Eu tenho um sshd_configarquivo que está configurado para não permitir que usuários do grupo nologinentrem sshneste servidor ( DenyGroups nologin). Embora eu tenha vários usuários neste grupo, quero substituir isso para um dos usuários (vamos chamar o usuário greg).
Tentei adicionar AllowUsers gregao sshd_configarquivo, mas não pareceu funcionar. É possível fazer isso?
O sshd_config se parece com:
AllowTcpForwarding no
ClientAliveCountMax 1
ClientAliveInterval 300
LoginGraceTime 1m
PermitRootLogin no
Protocol 2
RSAAuthentication no
Subsystem sftp /usr/libexec/openssh/sftp-server
UsePAM yes
X11Forwarding yes
DenyGroups nologin
LogLevel INFO
MaxAuthTries 4
IgnoreRhosts yes
HostBasedAuthentication no
PermitEmptyPasswords no
PermitUserEnvironment no
Ciphers aes128-ctr,aes192-ctr,aes256-ctr
Adicionar "AllowUsers greg" (greg é um membro do grupo de login) não permite que greg faça ssh.
Responder1
A página de manual sshd_config(5)descreve o comportamento dessas opções assim:
Se especificado,o login é permitido/proibido apenas para usuários/grupos cujo grupo principal ou lista ou nome de grupo suplementar corresponda a um dos padrões.Somente nomes de grupos são válidos; um ID de grupo numérico não é reconhecido. Por padrão, o login é permitido para todos os grupos. As diretivas permitir/negar são processadas na seguinte ordem:Negar usuários,Permitir usuários,Negar grupos, e finalmentePermitir grupos.

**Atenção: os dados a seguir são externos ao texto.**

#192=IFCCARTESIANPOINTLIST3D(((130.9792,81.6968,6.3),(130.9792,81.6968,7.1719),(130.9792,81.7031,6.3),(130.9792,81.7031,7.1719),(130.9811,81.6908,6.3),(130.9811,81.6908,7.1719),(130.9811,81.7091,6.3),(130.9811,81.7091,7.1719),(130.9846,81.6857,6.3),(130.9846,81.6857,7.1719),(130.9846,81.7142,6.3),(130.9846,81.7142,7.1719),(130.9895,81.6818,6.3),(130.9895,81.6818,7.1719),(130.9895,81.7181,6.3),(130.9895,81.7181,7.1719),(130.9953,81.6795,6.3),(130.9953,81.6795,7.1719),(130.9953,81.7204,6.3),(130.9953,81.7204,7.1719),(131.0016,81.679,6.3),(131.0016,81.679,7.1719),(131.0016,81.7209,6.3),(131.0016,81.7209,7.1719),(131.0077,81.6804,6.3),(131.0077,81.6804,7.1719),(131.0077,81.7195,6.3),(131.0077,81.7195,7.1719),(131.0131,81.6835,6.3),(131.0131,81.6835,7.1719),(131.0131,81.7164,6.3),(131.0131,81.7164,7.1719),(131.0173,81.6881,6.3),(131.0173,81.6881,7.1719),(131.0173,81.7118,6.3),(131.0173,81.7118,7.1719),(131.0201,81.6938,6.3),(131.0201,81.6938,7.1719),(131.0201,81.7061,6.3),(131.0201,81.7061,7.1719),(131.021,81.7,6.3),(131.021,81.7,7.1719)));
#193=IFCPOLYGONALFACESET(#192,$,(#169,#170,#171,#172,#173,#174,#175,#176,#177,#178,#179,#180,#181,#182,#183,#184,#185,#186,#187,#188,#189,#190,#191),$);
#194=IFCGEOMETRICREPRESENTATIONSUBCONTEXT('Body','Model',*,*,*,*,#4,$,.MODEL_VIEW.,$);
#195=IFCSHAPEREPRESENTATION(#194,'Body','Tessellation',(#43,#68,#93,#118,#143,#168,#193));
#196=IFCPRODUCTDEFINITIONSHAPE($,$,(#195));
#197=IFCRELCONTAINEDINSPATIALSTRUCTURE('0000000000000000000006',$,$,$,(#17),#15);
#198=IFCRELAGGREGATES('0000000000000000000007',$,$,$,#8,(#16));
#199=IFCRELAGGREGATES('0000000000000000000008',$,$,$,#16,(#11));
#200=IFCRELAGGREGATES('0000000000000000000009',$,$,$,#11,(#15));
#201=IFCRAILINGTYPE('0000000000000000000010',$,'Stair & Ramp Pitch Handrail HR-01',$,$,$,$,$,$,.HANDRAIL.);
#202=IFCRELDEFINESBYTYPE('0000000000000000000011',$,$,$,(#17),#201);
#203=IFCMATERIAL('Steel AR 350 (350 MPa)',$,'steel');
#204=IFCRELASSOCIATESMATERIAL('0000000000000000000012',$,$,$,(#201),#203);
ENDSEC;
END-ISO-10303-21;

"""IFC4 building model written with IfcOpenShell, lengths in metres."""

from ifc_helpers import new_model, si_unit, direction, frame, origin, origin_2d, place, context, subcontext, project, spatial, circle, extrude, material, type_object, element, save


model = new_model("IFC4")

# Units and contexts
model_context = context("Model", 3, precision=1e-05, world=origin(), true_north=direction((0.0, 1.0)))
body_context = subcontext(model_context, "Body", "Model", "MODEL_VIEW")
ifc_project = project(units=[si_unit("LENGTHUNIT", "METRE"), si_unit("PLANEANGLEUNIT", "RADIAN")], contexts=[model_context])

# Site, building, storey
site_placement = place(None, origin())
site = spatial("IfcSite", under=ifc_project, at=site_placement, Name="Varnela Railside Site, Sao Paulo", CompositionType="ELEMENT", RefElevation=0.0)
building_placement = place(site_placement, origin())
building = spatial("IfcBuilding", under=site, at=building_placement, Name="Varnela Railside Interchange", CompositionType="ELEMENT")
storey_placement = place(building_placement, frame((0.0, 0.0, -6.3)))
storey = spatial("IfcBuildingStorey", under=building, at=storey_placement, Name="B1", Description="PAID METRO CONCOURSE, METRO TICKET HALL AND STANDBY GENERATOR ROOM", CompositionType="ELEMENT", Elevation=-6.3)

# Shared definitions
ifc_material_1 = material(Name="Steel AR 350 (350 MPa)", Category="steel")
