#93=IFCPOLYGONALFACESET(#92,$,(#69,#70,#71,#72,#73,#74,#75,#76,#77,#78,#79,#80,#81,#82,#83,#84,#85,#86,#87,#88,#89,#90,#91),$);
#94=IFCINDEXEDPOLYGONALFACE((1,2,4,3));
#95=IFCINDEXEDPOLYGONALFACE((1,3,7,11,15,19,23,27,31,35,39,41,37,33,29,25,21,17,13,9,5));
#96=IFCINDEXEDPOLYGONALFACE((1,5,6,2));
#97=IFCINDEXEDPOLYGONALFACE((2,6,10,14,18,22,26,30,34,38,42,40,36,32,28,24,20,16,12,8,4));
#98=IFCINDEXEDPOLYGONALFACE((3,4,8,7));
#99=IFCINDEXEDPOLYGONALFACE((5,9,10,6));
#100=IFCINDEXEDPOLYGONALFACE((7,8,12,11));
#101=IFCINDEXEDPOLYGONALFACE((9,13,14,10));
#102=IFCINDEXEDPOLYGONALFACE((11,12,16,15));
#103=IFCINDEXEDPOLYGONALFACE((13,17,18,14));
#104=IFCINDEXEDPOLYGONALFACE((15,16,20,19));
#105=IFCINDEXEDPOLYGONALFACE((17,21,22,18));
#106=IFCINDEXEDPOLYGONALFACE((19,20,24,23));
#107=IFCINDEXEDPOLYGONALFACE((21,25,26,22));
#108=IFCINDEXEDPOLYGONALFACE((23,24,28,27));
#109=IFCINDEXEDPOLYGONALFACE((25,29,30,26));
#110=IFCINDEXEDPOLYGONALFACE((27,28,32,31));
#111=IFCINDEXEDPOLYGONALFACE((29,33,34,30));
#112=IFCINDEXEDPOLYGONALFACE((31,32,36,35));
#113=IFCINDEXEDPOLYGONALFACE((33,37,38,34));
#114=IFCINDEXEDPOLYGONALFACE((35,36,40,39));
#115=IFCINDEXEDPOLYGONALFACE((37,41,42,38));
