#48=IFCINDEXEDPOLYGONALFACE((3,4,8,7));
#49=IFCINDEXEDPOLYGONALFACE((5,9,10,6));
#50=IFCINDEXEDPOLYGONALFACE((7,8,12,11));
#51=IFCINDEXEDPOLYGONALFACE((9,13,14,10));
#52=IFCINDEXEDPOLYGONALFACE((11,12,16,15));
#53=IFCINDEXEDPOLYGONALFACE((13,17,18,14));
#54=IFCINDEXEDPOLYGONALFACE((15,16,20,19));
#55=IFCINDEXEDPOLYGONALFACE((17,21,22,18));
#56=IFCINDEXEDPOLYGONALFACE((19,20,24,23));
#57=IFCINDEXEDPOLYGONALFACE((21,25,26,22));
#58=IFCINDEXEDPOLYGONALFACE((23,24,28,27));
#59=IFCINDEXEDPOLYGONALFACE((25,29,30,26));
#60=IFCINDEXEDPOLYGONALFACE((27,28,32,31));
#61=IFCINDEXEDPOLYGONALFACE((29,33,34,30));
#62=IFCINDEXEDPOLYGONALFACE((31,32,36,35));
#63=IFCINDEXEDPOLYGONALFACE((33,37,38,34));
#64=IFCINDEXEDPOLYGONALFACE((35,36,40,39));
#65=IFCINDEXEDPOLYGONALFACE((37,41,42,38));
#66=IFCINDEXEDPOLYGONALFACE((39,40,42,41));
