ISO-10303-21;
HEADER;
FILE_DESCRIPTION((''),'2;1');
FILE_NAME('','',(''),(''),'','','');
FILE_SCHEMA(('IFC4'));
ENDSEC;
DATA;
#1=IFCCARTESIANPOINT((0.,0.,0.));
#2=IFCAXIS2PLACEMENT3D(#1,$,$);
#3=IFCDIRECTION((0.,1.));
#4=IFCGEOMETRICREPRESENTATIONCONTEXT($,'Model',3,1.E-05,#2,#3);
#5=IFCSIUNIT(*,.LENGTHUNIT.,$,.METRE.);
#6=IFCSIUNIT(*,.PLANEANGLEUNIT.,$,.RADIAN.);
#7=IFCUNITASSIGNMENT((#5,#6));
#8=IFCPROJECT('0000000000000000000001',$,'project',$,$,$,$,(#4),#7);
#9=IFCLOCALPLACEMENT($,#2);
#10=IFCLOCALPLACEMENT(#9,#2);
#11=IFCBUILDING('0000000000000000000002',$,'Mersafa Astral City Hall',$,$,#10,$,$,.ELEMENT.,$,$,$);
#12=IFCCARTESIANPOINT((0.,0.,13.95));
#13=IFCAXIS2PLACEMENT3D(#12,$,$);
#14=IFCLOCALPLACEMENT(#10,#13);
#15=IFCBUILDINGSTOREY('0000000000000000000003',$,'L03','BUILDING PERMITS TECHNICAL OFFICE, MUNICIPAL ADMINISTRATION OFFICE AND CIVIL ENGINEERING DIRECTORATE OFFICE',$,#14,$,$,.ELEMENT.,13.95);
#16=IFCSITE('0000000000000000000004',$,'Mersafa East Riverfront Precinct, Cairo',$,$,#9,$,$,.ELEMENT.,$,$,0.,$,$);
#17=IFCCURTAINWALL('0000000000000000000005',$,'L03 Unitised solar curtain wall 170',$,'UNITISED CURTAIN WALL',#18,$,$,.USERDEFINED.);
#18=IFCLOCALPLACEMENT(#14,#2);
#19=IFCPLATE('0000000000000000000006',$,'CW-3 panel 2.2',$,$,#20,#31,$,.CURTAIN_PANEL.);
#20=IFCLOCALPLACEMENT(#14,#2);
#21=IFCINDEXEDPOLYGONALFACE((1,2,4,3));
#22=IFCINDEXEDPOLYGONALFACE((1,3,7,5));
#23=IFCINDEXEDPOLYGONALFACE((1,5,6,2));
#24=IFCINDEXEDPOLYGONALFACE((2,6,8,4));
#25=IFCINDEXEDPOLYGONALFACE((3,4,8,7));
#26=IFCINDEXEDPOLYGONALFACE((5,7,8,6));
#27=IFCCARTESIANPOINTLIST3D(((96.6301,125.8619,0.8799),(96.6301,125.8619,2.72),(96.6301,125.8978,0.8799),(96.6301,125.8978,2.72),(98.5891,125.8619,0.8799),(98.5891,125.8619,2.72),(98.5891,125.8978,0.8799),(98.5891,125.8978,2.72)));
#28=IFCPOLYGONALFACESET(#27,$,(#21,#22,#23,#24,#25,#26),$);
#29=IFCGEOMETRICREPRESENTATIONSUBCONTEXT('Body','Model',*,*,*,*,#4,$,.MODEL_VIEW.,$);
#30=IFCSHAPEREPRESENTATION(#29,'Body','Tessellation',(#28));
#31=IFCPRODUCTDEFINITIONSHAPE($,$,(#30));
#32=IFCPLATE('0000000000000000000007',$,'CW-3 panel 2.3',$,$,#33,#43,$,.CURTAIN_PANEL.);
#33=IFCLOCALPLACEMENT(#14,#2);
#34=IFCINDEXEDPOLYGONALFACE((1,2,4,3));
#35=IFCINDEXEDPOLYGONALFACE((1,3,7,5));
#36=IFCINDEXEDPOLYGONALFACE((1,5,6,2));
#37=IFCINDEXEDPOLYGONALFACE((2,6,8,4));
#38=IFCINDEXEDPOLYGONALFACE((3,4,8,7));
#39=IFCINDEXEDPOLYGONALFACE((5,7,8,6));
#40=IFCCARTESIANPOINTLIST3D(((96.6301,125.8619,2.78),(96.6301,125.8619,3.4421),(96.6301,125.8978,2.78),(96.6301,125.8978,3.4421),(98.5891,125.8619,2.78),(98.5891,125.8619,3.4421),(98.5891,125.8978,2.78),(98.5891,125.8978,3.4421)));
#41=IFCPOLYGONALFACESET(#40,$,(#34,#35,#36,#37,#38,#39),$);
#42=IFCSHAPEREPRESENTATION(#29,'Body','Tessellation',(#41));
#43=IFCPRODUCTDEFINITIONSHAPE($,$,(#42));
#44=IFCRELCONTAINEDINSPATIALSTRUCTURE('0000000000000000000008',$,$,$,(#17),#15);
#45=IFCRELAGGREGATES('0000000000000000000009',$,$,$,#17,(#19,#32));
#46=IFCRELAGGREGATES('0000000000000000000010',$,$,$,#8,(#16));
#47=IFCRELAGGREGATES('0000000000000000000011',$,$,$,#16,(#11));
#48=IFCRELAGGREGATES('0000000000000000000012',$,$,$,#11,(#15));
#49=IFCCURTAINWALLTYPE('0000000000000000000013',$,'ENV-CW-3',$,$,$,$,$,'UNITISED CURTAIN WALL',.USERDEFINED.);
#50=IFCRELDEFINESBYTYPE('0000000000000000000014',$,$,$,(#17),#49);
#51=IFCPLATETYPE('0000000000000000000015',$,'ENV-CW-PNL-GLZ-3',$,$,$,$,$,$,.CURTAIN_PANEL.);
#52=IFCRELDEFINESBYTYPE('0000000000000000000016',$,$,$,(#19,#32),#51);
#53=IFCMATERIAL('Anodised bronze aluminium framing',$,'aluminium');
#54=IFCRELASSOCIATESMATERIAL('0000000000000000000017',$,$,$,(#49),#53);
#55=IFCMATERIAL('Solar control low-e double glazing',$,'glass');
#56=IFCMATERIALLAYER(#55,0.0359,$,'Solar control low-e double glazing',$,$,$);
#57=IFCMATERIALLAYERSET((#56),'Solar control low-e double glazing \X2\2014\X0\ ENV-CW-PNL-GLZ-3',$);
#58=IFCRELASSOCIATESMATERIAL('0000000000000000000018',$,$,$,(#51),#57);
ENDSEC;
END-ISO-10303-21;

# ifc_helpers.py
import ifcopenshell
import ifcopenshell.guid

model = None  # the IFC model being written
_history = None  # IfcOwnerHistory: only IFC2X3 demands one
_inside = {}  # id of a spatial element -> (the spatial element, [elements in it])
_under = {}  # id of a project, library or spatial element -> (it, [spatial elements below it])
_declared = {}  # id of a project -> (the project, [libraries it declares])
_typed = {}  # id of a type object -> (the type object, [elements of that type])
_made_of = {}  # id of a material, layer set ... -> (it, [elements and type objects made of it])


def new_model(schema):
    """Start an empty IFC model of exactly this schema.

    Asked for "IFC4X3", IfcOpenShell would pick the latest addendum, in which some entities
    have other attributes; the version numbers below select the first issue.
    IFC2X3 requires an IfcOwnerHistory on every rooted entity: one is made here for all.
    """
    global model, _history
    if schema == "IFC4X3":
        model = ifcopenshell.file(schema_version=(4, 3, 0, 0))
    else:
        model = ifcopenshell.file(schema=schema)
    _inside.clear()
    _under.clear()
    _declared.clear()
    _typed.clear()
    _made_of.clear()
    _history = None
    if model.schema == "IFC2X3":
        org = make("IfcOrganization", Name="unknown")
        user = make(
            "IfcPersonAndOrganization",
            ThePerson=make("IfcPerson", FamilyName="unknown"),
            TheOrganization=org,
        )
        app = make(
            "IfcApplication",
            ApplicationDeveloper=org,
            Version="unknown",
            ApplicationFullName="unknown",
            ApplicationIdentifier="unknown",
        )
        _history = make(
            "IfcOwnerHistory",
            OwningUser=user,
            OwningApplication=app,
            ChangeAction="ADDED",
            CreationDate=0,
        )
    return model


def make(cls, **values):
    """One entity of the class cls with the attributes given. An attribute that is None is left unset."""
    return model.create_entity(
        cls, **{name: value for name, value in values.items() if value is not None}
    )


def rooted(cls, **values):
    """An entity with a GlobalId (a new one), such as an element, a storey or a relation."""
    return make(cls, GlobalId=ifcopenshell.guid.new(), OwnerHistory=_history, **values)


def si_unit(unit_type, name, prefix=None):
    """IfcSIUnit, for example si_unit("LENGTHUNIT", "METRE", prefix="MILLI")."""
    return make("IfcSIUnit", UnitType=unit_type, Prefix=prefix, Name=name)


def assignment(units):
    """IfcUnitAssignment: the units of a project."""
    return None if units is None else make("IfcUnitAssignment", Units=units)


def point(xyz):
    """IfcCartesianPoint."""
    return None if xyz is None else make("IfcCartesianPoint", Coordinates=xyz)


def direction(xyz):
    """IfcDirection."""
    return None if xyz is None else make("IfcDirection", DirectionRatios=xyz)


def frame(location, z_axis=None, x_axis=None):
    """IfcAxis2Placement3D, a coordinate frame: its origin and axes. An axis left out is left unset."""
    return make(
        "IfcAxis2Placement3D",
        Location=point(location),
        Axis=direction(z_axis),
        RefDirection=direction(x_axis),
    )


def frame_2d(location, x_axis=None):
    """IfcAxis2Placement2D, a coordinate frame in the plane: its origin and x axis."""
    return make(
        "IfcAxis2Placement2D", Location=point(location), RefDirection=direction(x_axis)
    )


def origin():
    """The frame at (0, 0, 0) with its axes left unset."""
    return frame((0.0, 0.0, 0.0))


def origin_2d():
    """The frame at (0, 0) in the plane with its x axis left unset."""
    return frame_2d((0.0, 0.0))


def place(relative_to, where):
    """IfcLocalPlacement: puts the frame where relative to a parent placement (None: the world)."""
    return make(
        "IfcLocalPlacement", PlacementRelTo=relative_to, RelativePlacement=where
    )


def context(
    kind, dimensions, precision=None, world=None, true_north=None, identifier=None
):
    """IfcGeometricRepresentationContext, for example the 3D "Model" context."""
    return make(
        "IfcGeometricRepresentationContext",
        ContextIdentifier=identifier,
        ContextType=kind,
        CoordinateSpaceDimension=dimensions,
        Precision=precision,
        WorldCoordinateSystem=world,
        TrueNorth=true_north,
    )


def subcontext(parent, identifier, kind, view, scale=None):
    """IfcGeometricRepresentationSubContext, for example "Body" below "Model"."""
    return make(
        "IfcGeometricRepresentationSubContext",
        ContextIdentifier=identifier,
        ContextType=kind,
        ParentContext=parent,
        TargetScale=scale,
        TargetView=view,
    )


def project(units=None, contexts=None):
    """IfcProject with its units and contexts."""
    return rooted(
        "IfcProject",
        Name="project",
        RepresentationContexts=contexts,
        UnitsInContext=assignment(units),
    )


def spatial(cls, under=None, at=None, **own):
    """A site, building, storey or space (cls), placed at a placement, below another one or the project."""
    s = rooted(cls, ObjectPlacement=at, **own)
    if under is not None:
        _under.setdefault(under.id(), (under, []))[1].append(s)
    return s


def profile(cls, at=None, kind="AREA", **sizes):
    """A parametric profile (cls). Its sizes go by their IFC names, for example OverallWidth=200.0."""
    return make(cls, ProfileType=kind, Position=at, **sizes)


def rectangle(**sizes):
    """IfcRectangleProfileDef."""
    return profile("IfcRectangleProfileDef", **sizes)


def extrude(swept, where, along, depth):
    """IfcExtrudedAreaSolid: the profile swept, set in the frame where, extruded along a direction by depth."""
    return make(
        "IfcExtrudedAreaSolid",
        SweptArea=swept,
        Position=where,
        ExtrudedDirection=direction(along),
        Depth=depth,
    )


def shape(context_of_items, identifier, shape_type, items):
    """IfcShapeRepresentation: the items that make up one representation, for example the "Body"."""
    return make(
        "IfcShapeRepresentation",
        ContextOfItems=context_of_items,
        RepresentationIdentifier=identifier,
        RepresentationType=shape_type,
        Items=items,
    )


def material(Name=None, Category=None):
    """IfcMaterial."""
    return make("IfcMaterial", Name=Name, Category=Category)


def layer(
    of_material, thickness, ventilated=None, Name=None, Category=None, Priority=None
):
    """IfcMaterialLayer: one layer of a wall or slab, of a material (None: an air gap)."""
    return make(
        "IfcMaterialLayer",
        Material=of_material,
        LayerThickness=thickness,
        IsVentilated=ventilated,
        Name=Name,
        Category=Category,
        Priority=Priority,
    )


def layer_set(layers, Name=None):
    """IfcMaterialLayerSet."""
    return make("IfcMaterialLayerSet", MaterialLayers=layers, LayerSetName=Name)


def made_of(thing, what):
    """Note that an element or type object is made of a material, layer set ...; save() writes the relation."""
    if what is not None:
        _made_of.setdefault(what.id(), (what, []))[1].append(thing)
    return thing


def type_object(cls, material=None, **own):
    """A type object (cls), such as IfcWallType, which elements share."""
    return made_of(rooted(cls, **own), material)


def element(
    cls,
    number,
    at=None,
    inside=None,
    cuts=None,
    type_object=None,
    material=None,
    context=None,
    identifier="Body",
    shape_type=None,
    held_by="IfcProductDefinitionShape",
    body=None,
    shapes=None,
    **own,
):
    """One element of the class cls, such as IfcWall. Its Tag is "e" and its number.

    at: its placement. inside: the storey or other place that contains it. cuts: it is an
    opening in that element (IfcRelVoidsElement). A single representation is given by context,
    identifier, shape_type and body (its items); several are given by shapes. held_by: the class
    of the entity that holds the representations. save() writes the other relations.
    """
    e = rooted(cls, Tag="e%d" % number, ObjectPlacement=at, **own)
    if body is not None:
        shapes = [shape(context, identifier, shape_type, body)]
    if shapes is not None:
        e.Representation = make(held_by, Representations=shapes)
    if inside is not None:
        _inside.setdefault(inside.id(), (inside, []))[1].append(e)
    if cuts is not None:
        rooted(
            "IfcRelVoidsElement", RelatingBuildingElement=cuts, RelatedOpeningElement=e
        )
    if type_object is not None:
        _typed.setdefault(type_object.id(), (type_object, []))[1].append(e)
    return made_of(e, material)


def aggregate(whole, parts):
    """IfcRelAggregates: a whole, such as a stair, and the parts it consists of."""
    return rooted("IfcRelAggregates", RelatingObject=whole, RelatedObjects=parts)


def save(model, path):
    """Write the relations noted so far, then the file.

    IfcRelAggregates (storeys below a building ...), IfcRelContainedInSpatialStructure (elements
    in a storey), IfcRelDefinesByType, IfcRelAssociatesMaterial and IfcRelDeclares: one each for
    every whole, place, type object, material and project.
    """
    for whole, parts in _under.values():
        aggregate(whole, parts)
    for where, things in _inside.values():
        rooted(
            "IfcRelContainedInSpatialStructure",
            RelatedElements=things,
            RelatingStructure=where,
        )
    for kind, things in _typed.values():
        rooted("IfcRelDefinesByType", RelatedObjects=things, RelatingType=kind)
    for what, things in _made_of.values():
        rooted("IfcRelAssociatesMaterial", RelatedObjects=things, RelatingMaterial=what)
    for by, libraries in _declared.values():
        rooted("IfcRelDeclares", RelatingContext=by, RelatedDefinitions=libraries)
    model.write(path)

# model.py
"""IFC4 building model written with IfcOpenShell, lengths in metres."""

from ifc_helpers import new_model, si_unit, direction, frame, origin, origin_2d, place, context, subcontext, project, spatial, rectangle, extrude, material, layer, layer_set, type_object, element, aggregate, save


model = new_model("IFC4")

# Units and contexts
model_context = context("Model", 3, precision=1e-05, world=origin(), true_north=direction((0.0, 1.0)))
body_context = subcontext(model_context, "Body", "Model", "MODEL_VIEW")
ifc_project = project(units=[si_unit("LENGTHUNIT", "METRE"), si_unit("PLANEANGLEUNIT", "RADIAN")], contexts=[model_context])

# Site, building, storey
site_placement = place(None, origin())
site = spatial("IfcSite", under=ifc_project, at=site_placement, Name="Mersafa East Riverfront Precinct, Cairo", CompositionType="ELEMENT", RefElevation=0.0)
building_placement = place(site_placement, origin())
building = spatial("IfcBuilding", under=site, at=building_placement, Name="Mersafa Astral City Hall", CompositionType="ELEMENT")
storey_placement = place(building_placement, frame((0.0, 0.0, 13.95)))
storey = spatial("IfcBuildingStorey", under=building, at=storey_placement, Name="L03", Description="BUILDING PERMITS TECHNICAL OFFICE, MUNICIPAL ADMINISTRATION OFFICE AND CIVIL ENGINEERING DIRECTORATE OFFICE", CompositionType="ELEMENT", Elevation=13.95)

# Curtain wall
ifc_material_1 = material(Name="Anodised bronze aluminium framing", Category="aluminium")
curtain_wall_type = type_object("IfcCurtainWallType", Name="ENV-CW-3", ElementType="UNITISED CURTAIN WALL", PredefinedType="USERDEFINED", material=ifc_material_1)
curtain_wall_placement = place(storey_placement, origin())
curtain_wall = element("IfcCurtainWall", 1, at=curtain_wall_placement, inside=storey, type_object=curtain_wall_type, Name="L03 Unitised solar curtain wall 170", ObjectType="UNITISED CURTAIN WALL", PredefinedType="USERDEFINED")

# Plates
ifc_material_2 = material(Name="Solar control low-e double glazing", Category="glass")
ifc_layer = layer(ifc_material_2, 0.0359, Name="Solar control low-e double glazing")
ifc_layer_set = layer_set([ifc_layer], Name="Solar control low-e double glazing — ENV-CW-PNL-GLZ-3")
plate_type = type_object("IfcPlateType", Name="ENV-CW-PNL-GLZ-3", PredefinedType="CURTAIN_PANEL", material=ifc_layer_set)
plate_1_placement = place(storey_placement, frame((97.6096, 125.8799, 0.8799), z_axis=(0.0, 0.0, 1.0), x_axis=(-1.0, 0.0, 0.0)))
plate_1 = element("IfcPlate", 2, at=plate_1_placement, type_object=plate_type, Name="CW-3 panel 2.2", PredefinedType="CURTAIN_PANEL", context=body_context, shape_type="SweptSolid", body=[
    extrude(rectangle(XDim=1.959, YDim=0.0359, at=origin_2d()), origin(), (0.0, 0.0, 1.0), 1.8401),
])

Isso sugere que se você definir apenas essas duas opções,deveTrabalho para você. Você provavelmente usa outras opções que interferem na sua configuração. Você pode postar toda a configuração que você está usando?
Responder2
Parece simples para mim, basta remover gregdo nologingrupo.
Responder3
Você não pode fazer isso dessa maneira, poistodosas diretivas são avaliadas antes de sshdtomar uma decisão final. Assim, embora gregseja permitido por AllowUsers, é negado posteriormente pela DenyGroupscorrespondência com o grupo em que ele está. O manual é um tanto inespecífico aqui, porque não menciona que todas as diretivas são avaliadas na ordem descrita por Jakuje, então tentei isso no OpenSSH 5.2p1 em um sistema sobressalente. Na verdade, a ordem de avaliação deve ser inversa (primeiro permitir/negar grupos, depois permitir/negar usuários). Isso faria muito mais sentido, pelo menos para mim.